Fish, poultry and eggs (0 ~ 2 times a day).

This is the main source of protein. A large number of studies show that eating fish can reduce the risk of heart disease. Muscle and turkey are low in saturated fat, and they are also good sources of protein. Eggs have been demonized for a long time because of its high cholesterol content. In fact, eggs are a good breakfast, much better than doughnuts or flour doughnuts.

Nuts and beans with shells (65438+ 0 to 3 times a day).

Nuts and beans with shells are the best sources of plant protein, plant fiber, vitamins and minerals. Beans with shells include black beans, broad beans, edamame and other dry goods. Many nuts are rich in healthy fat. For example, almonds, walnuts, small walnuts, peanuts, hazelnuts and pine nuts can directly show that food is good for the heart.

Dairy products and calcium replacement (65438+ 0 to 2 times a day).

In order to prevent and treat osteoporosis, calcium and vitamin D are needed, and dairy products are the traditional source of calcium for Americans.

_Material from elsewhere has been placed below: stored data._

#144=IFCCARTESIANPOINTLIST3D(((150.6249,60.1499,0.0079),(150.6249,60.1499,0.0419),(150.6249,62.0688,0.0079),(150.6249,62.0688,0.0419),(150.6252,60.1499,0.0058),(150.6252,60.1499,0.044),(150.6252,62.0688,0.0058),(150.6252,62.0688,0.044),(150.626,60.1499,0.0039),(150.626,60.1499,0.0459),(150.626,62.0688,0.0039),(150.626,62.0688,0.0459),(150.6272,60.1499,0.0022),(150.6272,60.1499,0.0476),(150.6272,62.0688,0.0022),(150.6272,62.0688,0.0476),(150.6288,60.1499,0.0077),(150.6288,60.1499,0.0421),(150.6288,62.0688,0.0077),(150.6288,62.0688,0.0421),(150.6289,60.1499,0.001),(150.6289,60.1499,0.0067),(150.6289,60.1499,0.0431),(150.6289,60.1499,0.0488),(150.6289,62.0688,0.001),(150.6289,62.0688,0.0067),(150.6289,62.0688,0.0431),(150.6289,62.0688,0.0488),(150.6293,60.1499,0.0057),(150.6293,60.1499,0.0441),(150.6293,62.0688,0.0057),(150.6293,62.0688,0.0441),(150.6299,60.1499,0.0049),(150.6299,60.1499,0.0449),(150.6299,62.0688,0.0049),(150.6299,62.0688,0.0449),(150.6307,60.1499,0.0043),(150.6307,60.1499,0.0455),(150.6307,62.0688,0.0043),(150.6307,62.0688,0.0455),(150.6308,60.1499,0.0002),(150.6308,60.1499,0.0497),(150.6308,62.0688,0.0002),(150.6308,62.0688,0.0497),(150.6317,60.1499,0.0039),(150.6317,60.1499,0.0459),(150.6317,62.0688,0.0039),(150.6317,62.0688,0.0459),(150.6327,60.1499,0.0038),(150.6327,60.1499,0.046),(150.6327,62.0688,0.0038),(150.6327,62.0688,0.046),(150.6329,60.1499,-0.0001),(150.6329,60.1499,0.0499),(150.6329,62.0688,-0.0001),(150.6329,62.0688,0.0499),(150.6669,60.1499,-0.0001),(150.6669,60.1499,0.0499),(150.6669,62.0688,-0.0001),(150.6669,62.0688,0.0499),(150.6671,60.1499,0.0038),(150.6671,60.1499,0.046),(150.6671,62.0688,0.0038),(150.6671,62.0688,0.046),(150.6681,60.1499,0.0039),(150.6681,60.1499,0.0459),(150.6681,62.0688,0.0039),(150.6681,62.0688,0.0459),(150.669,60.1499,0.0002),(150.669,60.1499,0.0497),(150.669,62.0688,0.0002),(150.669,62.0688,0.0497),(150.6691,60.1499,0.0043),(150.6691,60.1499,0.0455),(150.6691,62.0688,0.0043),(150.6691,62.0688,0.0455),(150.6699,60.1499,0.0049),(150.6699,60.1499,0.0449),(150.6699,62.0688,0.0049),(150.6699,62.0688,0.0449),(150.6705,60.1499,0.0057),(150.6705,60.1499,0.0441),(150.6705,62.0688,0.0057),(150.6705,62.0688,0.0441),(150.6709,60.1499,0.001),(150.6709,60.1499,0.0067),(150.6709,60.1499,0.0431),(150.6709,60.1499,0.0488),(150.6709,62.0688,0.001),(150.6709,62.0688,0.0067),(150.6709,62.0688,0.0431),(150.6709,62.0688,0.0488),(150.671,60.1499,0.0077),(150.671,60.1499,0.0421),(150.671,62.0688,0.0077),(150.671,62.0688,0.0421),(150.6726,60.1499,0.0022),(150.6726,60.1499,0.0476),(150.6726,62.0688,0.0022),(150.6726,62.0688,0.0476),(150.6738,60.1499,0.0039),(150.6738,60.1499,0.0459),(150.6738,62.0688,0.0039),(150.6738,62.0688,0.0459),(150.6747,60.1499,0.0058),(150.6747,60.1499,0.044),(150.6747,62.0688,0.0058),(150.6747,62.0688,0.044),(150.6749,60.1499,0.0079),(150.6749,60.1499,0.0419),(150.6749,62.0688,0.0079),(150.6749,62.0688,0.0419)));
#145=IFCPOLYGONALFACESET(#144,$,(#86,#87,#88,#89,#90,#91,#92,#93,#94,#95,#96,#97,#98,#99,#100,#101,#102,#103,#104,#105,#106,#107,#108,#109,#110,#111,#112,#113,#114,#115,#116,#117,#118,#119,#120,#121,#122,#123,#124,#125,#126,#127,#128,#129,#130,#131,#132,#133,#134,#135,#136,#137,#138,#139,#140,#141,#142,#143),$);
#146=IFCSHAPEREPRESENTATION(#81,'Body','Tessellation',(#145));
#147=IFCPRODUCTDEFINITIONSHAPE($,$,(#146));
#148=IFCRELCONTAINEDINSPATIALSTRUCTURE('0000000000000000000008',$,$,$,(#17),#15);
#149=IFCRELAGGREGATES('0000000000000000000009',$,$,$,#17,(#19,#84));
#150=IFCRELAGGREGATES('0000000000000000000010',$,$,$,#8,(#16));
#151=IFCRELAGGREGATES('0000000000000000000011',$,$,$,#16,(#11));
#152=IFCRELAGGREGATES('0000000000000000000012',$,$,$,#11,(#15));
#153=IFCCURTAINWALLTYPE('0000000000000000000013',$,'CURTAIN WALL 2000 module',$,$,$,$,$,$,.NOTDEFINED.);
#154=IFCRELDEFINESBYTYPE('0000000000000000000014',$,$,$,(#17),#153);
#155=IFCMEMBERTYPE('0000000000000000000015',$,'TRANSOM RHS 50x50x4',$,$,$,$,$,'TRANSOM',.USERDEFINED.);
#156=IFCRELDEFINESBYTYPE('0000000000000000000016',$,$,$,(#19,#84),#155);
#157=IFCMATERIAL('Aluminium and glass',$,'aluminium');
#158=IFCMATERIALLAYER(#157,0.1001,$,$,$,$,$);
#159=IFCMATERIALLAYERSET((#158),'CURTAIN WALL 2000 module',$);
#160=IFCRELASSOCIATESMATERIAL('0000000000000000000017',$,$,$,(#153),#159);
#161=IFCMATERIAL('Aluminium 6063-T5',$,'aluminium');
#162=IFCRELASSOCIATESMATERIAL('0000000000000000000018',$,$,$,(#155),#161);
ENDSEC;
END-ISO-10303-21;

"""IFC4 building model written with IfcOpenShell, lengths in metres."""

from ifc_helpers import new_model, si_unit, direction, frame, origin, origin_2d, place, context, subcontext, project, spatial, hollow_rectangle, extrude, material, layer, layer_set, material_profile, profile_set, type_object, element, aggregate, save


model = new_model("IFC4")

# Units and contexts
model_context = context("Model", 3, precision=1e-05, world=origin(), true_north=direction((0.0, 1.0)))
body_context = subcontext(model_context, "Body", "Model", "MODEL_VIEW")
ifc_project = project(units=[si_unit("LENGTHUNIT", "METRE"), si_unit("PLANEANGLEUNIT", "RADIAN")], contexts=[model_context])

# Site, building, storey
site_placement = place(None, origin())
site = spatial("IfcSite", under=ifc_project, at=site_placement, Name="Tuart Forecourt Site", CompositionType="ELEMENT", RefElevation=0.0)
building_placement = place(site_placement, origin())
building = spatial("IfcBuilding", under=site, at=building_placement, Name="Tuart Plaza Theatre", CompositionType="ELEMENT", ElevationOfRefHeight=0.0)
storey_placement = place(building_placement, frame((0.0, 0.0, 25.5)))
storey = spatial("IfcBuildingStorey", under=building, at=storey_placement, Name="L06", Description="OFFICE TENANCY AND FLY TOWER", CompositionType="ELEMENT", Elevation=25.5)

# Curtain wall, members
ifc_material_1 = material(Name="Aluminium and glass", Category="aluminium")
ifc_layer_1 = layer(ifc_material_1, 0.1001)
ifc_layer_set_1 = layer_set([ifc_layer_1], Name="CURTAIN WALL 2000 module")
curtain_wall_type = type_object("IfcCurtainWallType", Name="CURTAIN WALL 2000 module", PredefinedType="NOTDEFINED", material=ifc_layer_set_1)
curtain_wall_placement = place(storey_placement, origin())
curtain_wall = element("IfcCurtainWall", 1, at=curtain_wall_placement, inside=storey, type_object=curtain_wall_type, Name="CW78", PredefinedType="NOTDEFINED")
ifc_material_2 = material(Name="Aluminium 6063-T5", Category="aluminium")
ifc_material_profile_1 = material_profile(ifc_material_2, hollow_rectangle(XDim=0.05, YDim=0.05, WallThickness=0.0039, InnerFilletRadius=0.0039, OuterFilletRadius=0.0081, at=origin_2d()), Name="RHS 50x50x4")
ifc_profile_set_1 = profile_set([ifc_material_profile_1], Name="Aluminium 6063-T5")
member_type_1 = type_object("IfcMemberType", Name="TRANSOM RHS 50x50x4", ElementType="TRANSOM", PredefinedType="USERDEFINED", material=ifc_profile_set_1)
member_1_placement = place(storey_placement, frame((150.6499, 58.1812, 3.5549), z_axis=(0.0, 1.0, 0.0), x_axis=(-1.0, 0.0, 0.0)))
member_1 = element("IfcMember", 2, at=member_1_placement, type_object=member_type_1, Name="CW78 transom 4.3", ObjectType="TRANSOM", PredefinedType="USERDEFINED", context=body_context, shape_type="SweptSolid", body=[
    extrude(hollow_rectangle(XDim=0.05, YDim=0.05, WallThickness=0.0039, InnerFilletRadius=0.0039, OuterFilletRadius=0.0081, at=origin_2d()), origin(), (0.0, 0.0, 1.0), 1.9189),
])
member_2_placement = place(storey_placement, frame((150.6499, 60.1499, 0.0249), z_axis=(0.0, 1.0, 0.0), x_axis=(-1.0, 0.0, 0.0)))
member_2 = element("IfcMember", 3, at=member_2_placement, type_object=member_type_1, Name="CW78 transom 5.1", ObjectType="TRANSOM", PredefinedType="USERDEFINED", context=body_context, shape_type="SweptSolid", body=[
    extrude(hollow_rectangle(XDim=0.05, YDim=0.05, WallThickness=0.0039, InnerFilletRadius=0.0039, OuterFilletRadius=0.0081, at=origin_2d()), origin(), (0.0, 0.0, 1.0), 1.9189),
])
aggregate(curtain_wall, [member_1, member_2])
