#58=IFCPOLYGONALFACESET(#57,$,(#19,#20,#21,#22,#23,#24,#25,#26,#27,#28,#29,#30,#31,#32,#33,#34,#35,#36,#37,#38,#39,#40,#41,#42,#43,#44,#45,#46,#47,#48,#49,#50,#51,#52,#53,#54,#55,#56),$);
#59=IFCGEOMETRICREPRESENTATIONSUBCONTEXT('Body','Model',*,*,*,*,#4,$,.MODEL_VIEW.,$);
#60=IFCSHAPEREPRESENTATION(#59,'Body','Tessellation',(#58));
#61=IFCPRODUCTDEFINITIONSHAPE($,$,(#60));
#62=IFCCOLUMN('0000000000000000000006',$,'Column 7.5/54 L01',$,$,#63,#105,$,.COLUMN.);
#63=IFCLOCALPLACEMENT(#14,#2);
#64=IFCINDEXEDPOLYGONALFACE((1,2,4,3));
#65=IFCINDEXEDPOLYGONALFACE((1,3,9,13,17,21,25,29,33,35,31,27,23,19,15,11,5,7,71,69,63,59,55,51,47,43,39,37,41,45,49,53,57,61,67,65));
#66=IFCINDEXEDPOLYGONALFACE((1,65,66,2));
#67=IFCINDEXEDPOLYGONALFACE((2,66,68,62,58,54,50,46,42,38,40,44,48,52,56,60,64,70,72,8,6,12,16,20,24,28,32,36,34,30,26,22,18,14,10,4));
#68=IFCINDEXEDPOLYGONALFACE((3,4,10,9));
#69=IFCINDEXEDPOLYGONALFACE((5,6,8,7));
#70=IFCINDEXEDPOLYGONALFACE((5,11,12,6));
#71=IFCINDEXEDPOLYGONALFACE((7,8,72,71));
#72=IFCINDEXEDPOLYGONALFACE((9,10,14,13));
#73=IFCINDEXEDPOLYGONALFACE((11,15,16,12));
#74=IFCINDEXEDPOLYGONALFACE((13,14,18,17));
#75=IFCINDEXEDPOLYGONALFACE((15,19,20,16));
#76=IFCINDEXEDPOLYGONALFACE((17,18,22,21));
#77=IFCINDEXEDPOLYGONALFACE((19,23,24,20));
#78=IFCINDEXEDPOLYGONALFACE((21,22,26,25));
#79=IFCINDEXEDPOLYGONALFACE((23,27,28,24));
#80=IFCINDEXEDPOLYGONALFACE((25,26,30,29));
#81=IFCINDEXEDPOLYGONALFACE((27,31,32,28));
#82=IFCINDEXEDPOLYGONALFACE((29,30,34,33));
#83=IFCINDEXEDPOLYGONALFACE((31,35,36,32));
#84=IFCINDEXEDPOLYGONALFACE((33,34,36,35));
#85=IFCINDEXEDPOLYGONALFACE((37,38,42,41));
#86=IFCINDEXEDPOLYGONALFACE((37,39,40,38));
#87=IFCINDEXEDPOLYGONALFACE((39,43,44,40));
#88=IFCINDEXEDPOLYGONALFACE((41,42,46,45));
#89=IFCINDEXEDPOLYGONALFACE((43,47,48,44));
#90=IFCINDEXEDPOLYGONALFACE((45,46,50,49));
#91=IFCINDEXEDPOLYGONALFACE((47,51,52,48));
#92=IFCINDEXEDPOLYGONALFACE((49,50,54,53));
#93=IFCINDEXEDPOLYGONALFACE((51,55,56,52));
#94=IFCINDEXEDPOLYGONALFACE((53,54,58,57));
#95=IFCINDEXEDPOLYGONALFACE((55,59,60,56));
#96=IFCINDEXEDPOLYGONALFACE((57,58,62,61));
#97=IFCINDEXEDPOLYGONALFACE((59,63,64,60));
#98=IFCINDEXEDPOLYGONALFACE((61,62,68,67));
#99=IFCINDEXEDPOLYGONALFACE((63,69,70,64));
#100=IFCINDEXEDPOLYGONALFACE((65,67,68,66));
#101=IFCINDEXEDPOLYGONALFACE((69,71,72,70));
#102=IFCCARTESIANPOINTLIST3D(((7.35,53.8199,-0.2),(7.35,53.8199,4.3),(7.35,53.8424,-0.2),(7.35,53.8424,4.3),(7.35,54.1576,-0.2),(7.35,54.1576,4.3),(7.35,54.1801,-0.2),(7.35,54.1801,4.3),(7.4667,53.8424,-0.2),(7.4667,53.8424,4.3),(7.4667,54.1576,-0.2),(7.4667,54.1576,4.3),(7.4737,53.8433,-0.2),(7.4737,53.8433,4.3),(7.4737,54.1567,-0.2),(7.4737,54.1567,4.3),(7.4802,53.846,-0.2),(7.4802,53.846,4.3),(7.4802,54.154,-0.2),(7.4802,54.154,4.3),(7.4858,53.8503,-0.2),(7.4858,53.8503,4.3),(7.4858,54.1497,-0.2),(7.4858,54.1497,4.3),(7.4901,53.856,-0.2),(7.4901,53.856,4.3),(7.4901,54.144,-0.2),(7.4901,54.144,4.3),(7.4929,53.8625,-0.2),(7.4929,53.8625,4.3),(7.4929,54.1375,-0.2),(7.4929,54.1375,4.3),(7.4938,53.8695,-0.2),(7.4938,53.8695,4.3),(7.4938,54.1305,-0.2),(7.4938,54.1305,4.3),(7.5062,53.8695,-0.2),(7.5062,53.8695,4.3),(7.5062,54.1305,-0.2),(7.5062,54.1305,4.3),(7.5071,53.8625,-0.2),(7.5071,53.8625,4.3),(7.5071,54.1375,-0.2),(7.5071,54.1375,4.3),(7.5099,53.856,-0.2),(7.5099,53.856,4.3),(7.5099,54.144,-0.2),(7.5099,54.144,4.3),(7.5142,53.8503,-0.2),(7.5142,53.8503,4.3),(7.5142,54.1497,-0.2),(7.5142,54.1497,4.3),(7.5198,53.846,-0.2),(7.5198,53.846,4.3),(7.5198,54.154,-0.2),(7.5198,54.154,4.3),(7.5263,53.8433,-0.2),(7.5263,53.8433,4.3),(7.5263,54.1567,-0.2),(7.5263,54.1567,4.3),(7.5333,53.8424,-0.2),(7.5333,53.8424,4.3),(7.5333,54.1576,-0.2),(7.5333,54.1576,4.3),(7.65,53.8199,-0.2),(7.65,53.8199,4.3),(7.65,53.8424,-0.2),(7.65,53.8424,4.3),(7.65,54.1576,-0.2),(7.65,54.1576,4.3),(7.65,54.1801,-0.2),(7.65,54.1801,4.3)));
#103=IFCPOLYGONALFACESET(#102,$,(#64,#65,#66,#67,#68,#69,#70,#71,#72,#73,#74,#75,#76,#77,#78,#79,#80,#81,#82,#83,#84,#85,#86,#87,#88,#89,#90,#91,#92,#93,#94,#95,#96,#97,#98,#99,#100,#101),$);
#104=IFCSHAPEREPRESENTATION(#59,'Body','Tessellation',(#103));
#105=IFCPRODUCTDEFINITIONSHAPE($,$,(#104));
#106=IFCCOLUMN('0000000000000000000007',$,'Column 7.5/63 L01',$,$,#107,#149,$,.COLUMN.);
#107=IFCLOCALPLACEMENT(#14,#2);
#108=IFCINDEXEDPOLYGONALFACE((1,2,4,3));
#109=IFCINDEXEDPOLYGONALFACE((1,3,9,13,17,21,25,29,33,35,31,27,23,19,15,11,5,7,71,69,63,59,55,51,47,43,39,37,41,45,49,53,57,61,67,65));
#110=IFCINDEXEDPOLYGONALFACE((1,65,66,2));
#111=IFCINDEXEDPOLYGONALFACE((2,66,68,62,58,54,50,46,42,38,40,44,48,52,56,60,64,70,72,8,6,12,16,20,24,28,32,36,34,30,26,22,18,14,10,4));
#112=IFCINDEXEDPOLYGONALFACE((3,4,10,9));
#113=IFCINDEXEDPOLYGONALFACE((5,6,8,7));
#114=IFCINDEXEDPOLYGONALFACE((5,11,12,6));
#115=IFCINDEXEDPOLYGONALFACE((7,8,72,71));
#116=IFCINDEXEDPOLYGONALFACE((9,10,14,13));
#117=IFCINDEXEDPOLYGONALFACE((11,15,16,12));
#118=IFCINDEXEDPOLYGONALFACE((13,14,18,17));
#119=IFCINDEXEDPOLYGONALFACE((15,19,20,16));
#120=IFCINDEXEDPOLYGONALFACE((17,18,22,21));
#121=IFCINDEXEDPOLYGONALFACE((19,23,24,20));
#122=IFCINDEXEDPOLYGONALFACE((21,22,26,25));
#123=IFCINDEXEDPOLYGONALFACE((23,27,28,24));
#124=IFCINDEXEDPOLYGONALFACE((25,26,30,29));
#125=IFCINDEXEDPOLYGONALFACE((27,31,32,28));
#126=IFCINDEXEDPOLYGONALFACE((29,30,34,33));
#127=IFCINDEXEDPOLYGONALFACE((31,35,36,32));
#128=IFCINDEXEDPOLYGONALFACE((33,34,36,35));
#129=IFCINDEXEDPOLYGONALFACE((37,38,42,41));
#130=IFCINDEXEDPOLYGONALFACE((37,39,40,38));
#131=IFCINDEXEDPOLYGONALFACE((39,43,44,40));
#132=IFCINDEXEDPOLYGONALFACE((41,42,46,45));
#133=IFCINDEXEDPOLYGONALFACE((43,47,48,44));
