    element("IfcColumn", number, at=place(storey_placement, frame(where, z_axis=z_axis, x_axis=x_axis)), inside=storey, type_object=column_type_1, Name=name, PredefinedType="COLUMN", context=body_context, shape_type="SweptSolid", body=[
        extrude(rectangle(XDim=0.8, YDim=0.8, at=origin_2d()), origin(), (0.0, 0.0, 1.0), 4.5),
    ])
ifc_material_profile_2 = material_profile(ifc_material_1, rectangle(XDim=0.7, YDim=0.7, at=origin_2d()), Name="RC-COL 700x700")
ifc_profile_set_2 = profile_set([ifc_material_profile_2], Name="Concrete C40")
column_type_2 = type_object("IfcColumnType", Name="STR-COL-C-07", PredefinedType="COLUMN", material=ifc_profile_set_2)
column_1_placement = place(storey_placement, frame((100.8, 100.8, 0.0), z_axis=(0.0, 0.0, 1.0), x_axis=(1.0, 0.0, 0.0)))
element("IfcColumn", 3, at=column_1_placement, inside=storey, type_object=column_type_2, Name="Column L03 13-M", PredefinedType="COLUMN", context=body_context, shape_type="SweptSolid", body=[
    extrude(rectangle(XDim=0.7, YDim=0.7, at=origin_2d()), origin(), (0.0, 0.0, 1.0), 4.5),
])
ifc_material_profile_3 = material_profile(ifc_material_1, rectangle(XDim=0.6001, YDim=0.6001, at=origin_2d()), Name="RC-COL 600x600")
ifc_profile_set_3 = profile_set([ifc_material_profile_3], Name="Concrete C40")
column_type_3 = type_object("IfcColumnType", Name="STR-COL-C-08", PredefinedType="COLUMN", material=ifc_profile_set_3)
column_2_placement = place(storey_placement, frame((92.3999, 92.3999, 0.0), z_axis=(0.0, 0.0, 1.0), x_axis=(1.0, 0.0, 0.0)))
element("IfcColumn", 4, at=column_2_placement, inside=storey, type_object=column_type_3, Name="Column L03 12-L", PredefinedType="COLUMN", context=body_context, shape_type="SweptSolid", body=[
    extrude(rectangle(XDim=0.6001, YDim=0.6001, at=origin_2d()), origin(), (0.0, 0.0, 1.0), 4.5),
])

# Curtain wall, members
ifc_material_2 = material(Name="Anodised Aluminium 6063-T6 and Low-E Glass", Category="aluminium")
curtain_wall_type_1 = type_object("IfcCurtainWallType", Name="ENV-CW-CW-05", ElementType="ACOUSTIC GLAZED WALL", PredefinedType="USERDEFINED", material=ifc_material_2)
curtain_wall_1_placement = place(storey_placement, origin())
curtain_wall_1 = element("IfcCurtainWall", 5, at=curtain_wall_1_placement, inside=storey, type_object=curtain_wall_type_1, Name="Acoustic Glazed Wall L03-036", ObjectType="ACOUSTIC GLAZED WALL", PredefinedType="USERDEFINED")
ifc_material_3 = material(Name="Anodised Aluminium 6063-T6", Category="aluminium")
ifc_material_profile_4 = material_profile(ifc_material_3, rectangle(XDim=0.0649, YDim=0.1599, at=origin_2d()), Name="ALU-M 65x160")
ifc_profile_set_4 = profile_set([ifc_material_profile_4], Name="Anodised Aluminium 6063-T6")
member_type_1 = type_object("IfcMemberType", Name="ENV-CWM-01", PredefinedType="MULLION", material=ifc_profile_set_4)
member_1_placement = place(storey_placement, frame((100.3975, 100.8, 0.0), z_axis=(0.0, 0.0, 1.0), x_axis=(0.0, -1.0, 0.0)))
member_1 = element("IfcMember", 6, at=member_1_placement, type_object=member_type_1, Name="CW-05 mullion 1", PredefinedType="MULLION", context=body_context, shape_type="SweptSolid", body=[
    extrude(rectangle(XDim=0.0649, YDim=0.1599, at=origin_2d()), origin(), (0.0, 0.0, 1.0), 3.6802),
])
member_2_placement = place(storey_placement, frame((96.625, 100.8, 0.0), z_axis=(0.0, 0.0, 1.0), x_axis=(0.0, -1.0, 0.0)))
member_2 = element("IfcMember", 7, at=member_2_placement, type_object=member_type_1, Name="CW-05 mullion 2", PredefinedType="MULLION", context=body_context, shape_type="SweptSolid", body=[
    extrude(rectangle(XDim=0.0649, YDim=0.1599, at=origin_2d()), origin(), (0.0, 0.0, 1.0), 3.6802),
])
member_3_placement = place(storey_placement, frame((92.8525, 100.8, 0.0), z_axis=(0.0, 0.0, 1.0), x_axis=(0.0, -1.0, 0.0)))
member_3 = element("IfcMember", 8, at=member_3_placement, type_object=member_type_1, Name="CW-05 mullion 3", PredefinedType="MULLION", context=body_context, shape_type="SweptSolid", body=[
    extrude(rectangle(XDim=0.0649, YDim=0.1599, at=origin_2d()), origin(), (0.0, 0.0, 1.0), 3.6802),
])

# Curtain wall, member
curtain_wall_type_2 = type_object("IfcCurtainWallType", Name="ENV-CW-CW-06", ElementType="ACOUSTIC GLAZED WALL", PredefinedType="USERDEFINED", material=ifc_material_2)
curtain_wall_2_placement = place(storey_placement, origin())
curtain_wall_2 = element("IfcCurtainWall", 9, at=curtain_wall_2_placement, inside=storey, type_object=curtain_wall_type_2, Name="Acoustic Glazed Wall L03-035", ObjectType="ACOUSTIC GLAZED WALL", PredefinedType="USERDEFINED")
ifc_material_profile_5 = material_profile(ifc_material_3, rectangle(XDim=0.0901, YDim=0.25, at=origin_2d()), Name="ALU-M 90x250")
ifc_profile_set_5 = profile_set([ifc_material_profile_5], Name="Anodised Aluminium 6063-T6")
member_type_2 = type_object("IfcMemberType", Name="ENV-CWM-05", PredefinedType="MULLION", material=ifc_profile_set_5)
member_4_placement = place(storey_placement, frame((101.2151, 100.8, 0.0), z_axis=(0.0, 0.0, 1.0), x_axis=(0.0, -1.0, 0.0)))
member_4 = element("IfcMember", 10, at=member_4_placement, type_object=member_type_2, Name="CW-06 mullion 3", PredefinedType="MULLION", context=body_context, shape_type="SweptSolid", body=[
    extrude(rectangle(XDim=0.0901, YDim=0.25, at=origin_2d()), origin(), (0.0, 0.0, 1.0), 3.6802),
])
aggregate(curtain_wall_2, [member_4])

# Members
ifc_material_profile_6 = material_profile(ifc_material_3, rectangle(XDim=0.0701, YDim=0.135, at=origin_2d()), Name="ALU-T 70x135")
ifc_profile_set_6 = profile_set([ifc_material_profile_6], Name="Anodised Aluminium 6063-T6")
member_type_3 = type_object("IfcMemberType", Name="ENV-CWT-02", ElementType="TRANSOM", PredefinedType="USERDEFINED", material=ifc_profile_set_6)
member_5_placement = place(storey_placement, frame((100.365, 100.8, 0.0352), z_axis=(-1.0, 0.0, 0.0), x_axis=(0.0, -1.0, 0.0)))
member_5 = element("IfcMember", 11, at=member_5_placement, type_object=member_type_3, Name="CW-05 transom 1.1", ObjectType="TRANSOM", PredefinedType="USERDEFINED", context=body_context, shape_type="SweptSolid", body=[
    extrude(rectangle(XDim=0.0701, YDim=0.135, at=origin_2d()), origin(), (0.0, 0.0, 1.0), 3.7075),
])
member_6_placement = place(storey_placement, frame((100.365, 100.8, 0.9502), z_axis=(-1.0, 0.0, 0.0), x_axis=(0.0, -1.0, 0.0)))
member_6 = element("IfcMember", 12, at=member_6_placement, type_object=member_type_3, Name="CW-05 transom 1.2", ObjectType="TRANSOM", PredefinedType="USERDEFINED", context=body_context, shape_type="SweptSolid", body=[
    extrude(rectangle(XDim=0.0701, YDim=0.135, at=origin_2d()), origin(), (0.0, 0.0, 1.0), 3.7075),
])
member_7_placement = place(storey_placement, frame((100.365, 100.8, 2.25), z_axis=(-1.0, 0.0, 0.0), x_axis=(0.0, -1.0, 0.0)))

Besides foods containing saturated fat, such as milk and cheese, there are other healthy ways to get calcium. For example, three cups of whole milk are equivalent to the saturated fat contained in thirteen cooked bacon. If you like dairy products, stick to skim or low-fat products. If you don't like dairy products, calcium substitute food is the guarantee to ensure the daily calcium demand of human body.

Red meat and cream (use with care):

These foods are placed at the top of the pyramid of healthy eating because they are rich in saturated fat. If you eat red meat every day, such as beef and mutton, trying fish or chicken several times a week can improve your cholesterol level. Similarly, you can switch from cream to olive oil.

Rice, white bread, potatoes, pasta and desserts (with caution):

Why are all these staple foods of Americans placed at the top of the pyramid of healthy eating? Because they can cause blood sugar to rise rapidly, leading to weight gain, diabetes, heart disease and other chronic diseases. Whole-wheat carbohydrates stabilize human blood sugar, at least increase slowly without exceeding the normal level of human body, so that human body can deal with excess blood sugar.

Multivitamins:

Daily multivitamin and mineral supplements are the nutritional reserves of the human body. The food we eat every day sometimes does not provide all the nutrients the human body needs every day. At this time, multivitamins can fill the nutritional gap, even for the most cautious diners. Please choose genuine multivitamins.

Alcohol (moderate amount):

Drinking a little wine every day can reduce the risk of heart disease. Moderate amount is very important. Alcohol is a double-edged sword, which has both disadvantages and advantages. For men, the balance point is to drink 1 2 cups a day, not draft beer cups. For women, one glass a day is enough.

The pyramid of healthy eating summarizes the best dietary information today. It's not a castle in the air, it's still the same. With the development of the times, it has been deeply studied.